Все остановилось. Мир, который вращался вокруг Пола всегда, сколько я себя помнил, начинал медленно разваливаться на куски. Целая эпоха тихо подходила к концу, ее корабль переворачивался килем вверх, падая в пучину.
Я перевернул страницу.
«Я чувствую себя виноватым перед Корнелиусом, — писал он с такой характерной для него эмоциональной отчужденностью. — Он усердно работает, боготворит меня, как героя, он хорошо воспитан, учтив и послушен — и все же я равнодушен к нему. Как ни странно, я подозреваю, что эта неподдельная верность, которая могла бы казаться мне такой лестной, на самом деле говорит о фатальном изъяне его личности. Действительно, он будет верным мне при любых обстоятельствах, его не остановят никакие угрызения совести, никакой закон.
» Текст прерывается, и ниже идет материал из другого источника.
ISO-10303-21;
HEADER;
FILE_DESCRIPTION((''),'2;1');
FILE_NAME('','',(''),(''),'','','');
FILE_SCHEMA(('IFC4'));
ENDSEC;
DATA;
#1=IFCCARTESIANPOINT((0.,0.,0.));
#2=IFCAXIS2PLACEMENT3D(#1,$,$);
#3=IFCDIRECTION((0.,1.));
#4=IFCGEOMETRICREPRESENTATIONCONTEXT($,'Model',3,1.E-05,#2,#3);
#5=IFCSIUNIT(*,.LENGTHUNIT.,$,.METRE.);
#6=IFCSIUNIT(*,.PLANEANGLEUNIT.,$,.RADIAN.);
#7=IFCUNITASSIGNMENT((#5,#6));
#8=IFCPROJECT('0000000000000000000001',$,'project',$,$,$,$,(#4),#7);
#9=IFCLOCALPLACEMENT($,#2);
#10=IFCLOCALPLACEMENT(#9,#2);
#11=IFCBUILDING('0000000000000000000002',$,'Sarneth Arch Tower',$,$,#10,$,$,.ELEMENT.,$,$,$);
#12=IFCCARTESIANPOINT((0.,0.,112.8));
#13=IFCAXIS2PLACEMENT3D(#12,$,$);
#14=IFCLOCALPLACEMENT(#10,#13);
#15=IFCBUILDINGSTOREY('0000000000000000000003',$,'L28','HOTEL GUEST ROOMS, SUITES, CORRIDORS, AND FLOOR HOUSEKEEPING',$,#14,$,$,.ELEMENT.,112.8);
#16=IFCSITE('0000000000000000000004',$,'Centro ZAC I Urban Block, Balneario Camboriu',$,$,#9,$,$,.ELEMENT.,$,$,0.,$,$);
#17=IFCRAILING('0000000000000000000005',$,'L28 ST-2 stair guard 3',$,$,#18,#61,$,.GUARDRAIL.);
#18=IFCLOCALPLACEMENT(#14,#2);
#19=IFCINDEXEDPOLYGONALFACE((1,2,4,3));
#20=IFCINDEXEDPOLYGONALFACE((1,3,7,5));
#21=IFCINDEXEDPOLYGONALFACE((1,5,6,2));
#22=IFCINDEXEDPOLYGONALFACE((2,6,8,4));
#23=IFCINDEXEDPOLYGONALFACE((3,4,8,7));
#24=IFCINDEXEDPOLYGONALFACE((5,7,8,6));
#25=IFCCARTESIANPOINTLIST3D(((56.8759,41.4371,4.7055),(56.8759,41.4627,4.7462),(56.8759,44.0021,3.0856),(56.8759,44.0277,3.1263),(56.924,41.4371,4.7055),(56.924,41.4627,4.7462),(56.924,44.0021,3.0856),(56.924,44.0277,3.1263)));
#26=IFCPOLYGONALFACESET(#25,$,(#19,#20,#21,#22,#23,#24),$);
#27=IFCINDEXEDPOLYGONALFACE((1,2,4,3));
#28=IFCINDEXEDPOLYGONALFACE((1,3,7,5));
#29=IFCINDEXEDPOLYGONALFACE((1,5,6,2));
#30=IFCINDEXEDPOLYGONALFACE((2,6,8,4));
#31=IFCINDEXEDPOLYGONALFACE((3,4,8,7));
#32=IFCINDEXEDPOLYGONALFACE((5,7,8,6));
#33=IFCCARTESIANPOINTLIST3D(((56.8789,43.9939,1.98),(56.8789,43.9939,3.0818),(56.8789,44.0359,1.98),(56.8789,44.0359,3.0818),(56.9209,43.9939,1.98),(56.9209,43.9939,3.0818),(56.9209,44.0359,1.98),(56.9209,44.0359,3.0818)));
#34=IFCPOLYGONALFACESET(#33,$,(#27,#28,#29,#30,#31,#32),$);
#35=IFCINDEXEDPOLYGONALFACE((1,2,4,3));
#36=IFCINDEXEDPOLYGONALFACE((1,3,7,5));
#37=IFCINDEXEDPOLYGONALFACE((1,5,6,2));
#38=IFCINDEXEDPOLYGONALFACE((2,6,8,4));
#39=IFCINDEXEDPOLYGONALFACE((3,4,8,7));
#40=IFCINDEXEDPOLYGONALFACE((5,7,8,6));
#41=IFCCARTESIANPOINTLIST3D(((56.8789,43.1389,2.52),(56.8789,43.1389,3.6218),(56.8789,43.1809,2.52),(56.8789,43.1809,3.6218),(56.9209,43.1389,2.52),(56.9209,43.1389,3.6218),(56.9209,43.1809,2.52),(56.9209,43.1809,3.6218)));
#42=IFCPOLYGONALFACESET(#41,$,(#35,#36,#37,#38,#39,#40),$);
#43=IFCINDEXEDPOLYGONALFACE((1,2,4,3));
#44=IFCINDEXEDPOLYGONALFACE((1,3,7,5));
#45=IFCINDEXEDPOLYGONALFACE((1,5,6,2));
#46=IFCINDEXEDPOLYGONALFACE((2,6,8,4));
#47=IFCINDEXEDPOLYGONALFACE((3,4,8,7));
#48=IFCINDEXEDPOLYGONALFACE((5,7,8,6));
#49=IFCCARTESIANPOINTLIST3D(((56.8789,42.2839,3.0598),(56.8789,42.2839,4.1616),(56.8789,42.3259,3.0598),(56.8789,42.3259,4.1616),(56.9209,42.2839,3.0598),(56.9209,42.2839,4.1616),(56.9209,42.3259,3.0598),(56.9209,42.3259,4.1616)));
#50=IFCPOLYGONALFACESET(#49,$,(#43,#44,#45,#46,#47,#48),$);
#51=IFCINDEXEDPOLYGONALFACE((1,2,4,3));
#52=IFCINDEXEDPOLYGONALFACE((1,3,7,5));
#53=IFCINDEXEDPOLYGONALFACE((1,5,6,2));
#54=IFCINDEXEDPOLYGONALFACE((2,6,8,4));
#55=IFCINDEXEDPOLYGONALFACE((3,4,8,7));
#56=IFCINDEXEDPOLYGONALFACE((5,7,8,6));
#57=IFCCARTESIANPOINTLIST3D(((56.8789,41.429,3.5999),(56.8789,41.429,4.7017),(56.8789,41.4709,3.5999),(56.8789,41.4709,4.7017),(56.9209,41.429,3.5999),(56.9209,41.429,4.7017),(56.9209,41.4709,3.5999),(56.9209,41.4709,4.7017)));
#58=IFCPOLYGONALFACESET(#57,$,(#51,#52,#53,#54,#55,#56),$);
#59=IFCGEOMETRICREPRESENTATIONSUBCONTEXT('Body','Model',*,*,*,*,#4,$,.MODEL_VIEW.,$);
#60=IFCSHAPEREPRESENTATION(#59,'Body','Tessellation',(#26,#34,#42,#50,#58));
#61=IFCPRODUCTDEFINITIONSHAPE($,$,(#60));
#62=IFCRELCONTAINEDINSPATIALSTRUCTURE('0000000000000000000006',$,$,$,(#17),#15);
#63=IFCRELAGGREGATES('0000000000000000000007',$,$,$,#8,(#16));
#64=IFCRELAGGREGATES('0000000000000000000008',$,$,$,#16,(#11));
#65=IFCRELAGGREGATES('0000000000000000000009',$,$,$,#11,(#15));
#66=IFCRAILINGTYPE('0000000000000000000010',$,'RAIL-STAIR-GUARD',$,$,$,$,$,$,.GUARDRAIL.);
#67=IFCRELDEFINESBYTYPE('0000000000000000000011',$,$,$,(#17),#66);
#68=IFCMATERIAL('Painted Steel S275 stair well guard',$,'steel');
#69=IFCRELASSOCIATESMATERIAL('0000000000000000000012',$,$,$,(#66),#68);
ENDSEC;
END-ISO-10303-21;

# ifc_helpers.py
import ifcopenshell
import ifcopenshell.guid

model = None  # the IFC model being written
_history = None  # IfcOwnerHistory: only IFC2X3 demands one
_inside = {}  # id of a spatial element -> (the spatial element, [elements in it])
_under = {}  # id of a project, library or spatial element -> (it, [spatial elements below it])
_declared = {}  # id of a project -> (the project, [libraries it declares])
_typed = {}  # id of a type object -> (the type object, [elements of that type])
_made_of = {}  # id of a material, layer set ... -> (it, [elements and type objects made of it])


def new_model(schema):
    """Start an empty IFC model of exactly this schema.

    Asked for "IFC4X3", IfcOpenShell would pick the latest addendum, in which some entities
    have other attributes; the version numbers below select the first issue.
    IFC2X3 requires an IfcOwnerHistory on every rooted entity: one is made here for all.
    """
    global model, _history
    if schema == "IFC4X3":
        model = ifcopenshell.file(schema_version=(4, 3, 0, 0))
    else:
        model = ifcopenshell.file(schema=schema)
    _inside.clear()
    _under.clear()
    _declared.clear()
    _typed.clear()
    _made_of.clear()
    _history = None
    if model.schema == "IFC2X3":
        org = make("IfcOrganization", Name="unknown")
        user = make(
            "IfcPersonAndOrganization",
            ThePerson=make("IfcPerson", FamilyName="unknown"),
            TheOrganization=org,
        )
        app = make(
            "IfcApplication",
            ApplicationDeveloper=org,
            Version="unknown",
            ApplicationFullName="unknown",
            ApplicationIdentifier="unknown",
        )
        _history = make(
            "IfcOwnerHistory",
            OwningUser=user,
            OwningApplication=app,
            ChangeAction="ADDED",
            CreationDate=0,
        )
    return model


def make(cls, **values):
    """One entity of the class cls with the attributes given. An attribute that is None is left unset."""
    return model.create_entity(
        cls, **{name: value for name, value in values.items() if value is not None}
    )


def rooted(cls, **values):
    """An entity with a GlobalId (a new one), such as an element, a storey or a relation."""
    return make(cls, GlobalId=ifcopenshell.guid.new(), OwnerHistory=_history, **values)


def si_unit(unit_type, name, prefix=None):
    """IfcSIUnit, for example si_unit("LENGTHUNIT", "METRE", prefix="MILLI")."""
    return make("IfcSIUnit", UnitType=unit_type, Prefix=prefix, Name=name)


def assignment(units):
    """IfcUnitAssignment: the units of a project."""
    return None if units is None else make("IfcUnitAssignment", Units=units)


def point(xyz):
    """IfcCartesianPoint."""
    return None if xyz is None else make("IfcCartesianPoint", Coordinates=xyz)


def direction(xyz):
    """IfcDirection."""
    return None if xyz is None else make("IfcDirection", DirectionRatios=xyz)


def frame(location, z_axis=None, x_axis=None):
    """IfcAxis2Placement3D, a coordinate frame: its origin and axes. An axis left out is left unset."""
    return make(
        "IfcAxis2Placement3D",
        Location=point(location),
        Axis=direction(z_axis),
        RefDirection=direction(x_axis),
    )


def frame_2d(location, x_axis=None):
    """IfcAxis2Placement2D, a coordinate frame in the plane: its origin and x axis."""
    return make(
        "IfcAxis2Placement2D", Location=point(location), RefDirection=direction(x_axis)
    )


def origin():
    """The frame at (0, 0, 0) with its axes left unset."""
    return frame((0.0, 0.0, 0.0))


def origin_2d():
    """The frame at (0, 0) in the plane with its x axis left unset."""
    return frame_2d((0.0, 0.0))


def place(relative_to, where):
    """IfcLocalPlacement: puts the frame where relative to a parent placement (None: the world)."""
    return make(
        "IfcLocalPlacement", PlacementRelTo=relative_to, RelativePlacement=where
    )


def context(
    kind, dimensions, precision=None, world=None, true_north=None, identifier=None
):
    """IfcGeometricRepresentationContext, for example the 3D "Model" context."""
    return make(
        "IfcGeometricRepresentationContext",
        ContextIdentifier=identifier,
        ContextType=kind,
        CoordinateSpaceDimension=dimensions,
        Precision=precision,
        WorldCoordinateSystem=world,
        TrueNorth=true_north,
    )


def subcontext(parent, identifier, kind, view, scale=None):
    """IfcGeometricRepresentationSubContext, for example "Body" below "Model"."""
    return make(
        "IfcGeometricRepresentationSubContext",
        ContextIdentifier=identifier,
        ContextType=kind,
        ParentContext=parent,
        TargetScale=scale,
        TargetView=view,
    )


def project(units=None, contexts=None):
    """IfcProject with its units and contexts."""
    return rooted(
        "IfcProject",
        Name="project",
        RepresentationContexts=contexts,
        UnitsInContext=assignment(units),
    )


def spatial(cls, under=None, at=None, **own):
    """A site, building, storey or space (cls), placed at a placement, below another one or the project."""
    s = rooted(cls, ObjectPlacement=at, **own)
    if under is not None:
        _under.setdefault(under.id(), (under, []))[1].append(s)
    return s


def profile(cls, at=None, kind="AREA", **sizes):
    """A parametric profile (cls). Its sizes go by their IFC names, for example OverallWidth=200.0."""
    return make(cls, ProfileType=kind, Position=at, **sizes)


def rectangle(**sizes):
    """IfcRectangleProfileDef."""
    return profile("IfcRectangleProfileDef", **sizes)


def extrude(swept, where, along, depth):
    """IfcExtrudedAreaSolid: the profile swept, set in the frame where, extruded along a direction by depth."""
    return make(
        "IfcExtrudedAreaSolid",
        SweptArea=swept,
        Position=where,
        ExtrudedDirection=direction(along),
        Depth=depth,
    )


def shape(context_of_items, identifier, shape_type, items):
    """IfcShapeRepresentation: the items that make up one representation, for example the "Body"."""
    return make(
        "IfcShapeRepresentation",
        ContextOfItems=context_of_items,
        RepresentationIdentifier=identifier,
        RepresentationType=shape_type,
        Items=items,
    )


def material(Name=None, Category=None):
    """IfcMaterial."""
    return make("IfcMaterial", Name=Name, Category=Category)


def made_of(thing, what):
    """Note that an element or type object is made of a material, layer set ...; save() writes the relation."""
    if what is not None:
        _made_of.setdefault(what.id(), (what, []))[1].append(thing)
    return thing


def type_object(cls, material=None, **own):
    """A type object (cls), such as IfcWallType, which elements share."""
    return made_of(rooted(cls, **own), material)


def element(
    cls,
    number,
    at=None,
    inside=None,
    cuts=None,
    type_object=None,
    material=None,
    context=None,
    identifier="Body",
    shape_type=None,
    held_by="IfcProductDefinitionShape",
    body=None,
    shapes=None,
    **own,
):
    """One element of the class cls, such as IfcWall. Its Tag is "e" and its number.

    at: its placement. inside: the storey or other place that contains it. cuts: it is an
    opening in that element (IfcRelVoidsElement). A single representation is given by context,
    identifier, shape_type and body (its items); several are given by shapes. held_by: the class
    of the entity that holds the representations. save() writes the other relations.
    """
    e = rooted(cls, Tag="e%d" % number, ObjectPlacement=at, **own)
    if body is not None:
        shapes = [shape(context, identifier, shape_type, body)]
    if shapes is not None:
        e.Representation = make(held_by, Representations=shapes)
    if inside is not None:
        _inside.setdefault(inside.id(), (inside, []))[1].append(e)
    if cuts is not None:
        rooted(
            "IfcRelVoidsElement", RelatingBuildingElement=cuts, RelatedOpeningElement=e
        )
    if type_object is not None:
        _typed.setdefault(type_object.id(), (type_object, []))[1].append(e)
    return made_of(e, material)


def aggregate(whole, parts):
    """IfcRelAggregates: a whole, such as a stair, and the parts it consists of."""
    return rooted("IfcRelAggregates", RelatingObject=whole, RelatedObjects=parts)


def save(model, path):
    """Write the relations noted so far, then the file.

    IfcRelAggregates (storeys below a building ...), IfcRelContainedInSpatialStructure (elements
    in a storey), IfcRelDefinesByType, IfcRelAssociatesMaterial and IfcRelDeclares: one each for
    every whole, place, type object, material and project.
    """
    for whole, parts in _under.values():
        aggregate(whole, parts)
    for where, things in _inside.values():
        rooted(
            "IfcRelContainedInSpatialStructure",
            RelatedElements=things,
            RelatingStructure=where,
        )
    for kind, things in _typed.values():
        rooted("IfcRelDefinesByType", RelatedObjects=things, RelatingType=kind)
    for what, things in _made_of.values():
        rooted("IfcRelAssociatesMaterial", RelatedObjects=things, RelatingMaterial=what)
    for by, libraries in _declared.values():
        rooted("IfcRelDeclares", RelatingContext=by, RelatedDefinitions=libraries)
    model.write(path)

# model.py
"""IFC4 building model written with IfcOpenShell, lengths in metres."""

from ifc_helpers import new_model, si_unit, direction, frame, origin, origin_2d, place, context, subcontext, project, spatial, rectangle, extrude, material, type_object, element, save


model = new_model("IFC4")

# Units and contexts
model_context = context("Model", 3, precision=1e-05, world=origin(), true_north=direction((0.0, 1.0)))
body_context = subcontext(model_context, "Body", "Model", "MODEL_VIEW")
ifc_project = project(units=[si_unit("LENGTHUNIT", "METRE"), si_unit("PLANEANGLEUNIT", "RADIAN")], contexts=[model_context])

# Site, building, storey
site_placement = place(None, origin())
site = spatial("IfcSite", under=ifc_project, at=site_placement, Name="Centro ZAC I Urban Block, Balneario Camboriu", CompositionType="ELEMENT", RefElevation=0.0)
building_placement = place(site_placement, origin())
building = spatial("IfcBuilding", under=site, at=building_placement, Name="Sarneth Arch Tower", CompositionType="ELEMENT")
storey_placement = place(building_placement, frame((0.0, 0.0, 112.8)))
storey = spatial("IfcBuildingStorey", under=building, at=storey_placement, Name="L28", Description="HOTEL GUEST ROOMS, SUITES, CORRIDORS, AND FLOOR HOUSEKEEPING", CompositionType="ELEMENT", Elevation=112.8)

# Railing
ifc_material_1 = material(Name="Painted Steel S275 stair well guard", Category="steel")
railing_type_1 = type_object("IfcRailingType", Name="RAIL-STAIR-GUARD", PredefinedType="GUARDRAIL", material=ifc_material_1)
railing_1_placement = place(storey_placement, frame((56.8999, 44.0149, 1.98)))
element("IfcRailing", 1, at=railing_1_placement, inside=storey, type_object=railing_type_1, Name="L28 ST-2 stair guard 3", PredefinedType="GUARDRAIL", context=body_context, shape_type="SweptSolid", body=[
    extrude(rectangle(XDim=0.0481, YDim=0.0481, at=origin_2d()), frame((0.0, 0.0, 1.126), z_axis=(0.0, -0.845502, 0.533972), x_axis=(1.0, 0.0, 0.0)), (0.0, 0.0, 1.0), 3.0337),
    extrude(rectangle(XDim=0.042, YDim=0.042, at=origin_2d()), origin(), (0.0, 0.0, 1.0), 1.1018),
Никакие общественные традиции никогда не будут иметь для него никакого значения. Несмотря на все мои аморальные поступки, а я понимаю, насколько они значительны, я всегда совершенно точно знал, что хорошо, а что плохо, и страдал, чувствуя себя виноватым. Но подобные чувства никогда не взволнуют Корнелиуса, потому что ему чужда концепция добра и зла. Он не аморален, а безнравствен, и, как бы мне этого ни хотелось, я не могу думать о нем как о сыне.
Действительно, если говорить правду, он во многом сын собственного отца, жестокого, грубого человечка, который, несмотря на свою фанатическую богомольность, был одним из самых чуждых христианству людей, с какими мне приходилось встречаться. Однако я допускаю, что он был предан Милдред и мягок как ягненок в ее присутствии. Странно, что эти бродяги, такие бессовестные в бизнесе, часто оказываются преданными семьянинами, и ты увидела бы подтверждение этого наблюдения, если бы снова позволила мне жить вместе с тобой в Мэллингхэме!
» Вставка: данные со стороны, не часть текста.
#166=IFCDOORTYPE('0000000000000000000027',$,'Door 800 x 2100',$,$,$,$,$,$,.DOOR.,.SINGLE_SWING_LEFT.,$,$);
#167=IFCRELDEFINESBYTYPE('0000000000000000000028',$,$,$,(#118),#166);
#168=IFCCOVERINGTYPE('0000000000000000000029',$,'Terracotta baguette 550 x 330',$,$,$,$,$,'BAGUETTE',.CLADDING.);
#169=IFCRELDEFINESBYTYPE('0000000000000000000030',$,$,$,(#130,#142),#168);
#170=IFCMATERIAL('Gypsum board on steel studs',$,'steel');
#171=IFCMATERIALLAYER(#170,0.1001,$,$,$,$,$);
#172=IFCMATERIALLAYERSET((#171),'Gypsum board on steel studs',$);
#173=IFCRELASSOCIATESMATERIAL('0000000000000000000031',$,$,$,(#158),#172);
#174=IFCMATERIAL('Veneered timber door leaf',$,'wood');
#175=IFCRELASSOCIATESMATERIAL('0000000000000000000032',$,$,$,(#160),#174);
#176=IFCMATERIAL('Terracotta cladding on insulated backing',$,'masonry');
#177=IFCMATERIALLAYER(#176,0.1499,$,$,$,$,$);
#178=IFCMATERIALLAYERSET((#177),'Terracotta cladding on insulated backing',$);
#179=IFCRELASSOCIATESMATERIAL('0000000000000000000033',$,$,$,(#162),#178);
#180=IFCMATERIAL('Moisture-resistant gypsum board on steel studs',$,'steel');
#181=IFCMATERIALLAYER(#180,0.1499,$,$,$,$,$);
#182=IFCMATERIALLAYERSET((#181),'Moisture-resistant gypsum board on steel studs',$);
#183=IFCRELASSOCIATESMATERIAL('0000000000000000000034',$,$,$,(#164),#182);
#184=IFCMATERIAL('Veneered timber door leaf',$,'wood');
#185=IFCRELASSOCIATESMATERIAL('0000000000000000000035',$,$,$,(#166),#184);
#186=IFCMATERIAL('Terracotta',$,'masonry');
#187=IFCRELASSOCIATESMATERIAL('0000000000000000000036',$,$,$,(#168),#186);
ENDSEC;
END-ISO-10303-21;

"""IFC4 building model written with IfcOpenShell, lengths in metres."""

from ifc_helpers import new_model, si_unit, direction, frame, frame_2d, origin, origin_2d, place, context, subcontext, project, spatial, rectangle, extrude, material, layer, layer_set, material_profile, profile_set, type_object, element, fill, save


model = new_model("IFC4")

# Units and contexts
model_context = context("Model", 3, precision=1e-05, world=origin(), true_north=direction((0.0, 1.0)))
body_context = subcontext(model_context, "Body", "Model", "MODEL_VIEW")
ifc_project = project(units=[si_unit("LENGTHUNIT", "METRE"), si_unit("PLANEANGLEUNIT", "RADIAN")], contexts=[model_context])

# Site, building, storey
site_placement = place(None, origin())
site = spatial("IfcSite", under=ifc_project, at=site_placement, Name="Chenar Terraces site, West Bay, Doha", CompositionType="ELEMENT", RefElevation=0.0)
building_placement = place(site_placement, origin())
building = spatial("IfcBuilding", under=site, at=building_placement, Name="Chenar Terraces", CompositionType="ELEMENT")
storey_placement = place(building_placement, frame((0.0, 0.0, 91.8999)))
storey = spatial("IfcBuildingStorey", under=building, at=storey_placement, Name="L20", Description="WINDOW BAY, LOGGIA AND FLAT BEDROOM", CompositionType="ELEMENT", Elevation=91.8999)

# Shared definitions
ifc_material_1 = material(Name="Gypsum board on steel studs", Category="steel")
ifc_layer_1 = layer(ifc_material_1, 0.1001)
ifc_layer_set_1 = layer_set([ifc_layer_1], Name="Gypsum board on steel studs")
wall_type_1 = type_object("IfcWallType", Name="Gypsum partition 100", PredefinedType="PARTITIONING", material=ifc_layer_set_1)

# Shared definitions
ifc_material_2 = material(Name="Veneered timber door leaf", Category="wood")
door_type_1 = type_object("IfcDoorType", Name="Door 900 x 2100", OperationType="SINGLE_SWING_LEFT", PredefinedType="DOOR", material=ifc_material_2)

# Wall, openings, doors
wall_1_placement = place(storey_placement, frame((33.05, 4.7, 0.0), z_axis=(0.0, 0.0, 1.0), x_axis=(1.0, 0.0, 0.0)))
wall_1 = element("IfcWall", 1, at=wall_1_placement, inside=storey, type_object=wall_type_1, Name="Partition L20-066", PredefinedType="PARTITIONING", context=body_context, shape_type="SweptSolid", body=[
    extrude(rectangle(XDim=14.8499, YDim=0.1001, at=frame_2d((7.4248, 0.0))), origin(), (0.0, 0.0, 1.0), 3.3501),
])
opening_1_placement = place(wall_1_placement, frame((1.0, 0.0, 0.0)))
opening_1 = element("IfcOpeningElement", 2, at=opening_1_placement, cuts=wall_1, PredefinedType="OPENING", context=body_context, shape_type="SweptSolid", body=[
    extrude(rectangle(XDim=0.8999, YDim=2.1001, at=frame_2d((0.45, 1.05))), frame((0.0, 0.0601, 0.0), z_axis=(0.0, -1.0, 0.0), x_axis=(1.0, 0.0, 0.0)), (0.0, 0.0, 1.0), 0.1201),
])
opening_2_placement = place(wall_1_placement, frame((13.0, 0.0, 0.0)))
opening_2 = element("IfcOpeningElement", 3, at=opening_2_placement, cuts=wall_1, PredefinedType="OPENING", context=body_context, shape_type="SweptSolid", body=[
Дорогая моя, найди время подумать обо всем, что я тебе сказал, и не отвергай меня, как сделала это сегодня вечером. Я понимаю, что известие о моей болезни не могло не быть для тебя тяжелым ударом, но я не могу поверить, чтобы ты не любила меня по-прежнему, меня, любящего тебя так сильно. И помни — я готов отказаться ради тебя от всего мира.
Со всей моей любовью, дорогая, отныне и навсегда.
Пол».
Это было его единственное письмо, написанное от руки, и единственное, не подписанное именем Катулла.
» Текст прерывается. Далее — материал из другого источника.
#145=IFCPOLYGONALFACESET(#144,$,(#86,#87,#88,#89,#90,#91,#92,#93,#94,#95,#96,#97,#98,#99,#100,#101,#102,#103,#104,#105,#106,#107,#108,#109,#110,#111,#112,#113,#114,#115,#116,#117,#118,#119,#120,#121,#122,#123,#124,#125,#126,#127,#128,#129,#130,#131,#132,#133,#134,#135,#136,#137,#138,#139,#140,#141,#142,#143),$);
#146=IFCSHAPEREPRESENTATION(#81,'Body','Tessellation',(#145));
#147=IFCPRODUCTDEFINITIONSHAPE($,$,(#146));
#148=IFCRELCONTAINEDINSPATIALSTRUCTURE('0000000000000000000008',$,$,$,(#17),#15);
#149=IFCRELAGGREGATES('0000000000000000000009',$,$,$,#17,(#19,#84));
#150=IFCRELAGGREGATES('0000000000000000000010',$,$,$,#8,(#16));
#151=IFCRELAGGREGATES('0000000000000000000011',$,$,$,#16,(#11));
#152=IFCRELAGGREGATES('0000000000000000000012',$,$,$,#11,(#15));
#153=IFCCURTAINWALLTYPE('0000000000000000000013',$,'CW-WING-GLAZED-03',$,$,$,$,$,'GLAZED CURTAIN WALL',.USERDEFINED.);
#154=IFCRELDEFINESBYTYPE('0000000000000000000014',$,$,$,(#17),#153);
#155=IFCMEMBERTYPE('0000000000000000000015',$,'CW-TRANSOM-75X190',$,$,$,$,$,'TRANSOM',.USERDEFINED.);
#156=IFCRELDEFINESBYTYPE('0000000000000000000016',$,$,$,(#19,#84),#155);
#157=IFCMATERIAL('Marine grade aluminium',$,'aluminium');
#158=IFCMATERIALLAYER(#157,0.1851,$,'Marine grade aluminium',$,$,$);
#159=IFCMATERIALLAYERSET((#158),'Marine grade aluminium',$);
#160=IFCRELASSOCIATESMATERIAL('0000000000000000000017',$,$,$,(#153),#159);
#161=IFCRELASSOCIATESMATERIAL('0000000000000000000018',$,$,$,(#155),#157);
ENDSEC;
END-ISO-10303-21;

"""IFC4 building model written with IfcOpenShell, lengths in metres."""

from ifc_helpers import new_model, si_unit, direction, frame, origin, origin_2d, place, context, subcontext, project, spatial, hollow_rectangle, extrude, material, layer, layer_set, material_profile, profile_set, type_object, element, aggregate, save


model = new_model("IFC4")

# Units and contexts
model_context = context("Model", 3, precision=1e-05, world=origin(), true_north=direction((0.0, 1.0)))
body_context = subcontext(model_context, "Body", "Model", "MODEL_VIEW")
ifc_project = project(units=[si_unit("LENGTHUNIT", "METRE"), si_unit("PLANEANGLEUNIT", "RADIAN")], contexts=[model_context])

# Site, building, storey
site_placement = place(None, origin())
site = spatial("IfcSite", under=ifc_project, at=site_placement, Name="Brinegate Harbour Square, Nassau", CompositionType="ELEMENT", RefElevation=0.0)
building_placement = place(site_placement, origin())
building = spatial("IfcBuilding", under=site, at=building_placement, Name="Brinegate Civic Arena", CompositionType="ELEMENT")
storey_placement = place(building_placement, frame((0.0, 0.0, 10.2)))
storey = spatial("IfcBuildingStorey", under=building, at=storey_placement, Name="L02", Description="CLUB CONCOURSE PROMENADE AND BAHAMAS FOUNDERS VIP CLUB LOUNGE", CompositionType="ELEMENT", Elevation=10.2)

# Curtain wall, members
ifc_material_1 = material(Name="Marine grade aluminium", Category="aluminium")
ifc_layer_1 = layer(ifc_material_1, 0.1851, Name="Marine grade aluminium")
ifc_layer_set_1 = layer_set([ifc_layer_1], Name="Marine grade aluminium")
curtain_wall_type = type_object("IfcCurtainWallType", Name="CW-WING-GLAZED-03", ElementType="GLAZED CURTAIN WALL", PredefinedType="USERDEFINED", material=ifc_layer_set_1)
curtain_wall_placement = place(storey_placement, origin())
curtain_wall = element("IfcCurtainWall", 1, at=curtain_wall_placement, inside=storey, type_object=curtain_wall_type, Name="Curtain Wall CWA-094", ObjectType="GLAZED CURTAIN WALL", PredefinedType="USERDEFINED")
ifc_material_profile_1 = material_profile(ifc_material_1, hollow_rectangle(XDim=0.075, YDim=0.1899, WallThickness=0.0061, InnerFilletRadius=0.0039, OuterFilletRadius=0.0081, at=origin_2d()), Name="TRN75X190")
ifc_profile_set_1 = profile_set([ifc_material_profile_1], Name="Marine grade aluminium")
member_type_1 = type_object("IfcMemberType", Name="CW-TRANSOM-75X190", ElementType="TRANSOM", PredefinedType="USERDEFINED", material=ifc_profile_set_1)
Я долго просидел, уставившись в эту подпись.
Потом я встал и принялся расхаживать по комнате. В голове у меня царила сумятица, мысли были бессвязными. Я чувствовал себя так, как будто кто-то умер.
Много времени спустя — не могу сказать, когда это произошло — я поймал себя на том, что снова рассматриваю фотографии. Я искал и искал, не зная сам, что именно, а потом увидел ее лицо, взял фотографию в руки, снова поднялся и забегал по комнате, не отрывая глаз от этого лица, и немного погодя понял: я всегда знал, что она была разрушительницей. Она разрушила мое уважение к Полу, брак моей сестры, все мои надежды на дружеское сосуществование со Стивом. Она разрушила бы и банк, если бы у нее было больше сил. Я это ясно понимал, и еще более очевидно для меня было, что она хотела уничтожить и меня, потому что я был единственным, кто всегда мог возникнуть на ее пути.
Уложив фотографии обратно в коробку, я долго пытался закрыть ее крышку, но ничего не получалось. Что-то мешало у корешка, и, отодвинув исписанные листки, я увидел длинный коричневый конверт, вылезший из стопки.
Я бегло заглянул внутрь и увидел какой-то документ.
У всех казенных бумаг свой запах, но эта не была похожа на обычное официальное письмо. Документ был иностранный.